"Yes, mother, we know."
I took her hands again and nursed them against my cheek; after a time tears began to drip down her flaccid cheeks and I wiped them away for her.
"Don't, mother, don't! We get along now, anyway! And as for the things in me which are different, do you know, mother, I'm getting to know that they are the best things in me."
I honestly thought so; and after all these years I think so now.
I wheeled her into the bedroom presently, where she fell into the light slumber of the feeble, and seemed afterward hardly to remember, but I was glad then to have talked it all out with her, for though she lived nearly two years after, before I saw her again another stroke had deprived her of articulateness.
CHAPTER VIII
I went home to my husband after it began to seem certain that my mother's condition would not change for some time, but I knew in the going that neither Tommy nor Higgleston could ever present themselves to me again in the aspect of an absolute destiny. By the incidents of the past few weeks I had been pulled free from the obsession of inevitableness with which my life had clothed itself until now; I stood outside of it and questioned it in the light of what it might have been, what it might yet become. Suppose I had received Helmeth Garrett's letter; suppose my interest in Mr. O'Farrell had wavered a hair's breadth out of the community of work into that more personal and particular passion——?

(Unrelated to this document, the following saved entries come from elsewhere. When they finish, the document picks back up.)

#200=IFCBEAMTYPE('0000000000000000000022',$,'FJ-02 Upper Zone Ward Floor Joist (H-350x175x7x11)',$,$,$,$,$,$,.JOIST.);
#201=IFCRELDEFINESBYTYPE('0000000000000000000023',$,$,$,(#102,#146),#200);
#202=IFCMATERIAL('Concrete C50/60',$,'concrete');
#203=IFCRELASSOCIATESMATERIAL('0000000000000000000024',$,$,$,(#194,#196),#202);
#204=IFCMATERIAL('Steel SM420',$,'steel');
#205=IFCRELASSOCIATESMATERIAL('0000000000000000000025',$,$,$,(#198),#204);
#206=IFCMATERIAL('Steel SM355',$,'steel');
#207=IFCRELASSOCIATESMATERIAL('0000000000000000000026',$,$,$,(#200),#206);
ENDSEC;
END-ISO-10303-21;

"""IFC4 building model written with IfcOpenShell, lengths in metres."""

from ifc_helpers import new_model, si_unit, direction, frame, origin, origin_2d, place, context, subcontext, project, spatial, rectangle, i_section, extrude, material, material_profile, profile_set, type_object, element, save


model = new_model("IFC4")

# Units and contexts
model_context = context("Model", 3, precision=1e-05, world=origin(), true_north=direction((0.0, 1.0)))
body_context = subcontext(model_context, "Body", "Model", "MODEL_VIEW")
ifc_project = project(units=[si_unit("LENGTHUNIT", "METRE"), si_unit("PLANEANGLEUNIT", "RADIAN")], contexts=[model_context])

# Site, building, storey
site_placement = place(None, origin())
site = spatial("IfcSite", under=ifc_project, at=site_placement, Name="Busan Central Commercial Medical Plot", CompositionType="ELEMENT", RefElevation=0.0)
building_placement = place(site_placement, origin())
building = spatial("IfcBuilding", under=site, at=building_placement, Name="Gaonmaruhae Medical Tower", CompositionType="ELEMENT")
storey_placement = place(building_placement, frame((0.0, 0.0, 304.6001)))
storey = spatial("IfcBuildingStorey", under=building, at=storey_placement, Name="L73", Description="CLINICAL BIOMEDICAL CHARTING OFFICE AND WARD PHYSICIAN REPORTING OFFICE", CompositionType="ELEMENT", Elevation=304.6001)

I quaked in the cold blasts which blew on me out of unsuspected doors opening on my life.
And still I went back to Higgleston. There seemed nothing else to do. I think I deceived myself with the notion that there was something in Tommy's resistance to a more acceptable destiny, that could be resolved and dissipated by the proper stimulus. But I knew, in fact, that he and Higgleston suited one another admirably. To my husband, that he should keep a clothing store in a town of five thousand inhabitants was part of the great natural causation. The single change to which our condition was liable was that the business might take a turn which would enable us to move out of the store into a house of our own. It had not occurred to Tommy to take a turn himself. The Men's Tailors and Outfitters lay like most business in Higgleston, in the back water, rocking at times in the wake of the world traffic, but never moving with it. There was a vague notion of progress abroad which resulted in our going through the motions of the main current. The Live Business Men organized a Board of Trade and rented a room to hold meetings in, but I do not remember that when they had met, anything came of it. The great tides of trade went about the world and our little fleet rocked up and down. If I had ever had any hope that Tommy and I might out of our common stock, somehow hoist sail and make a way out of it, in that spring and summer I completely lost it.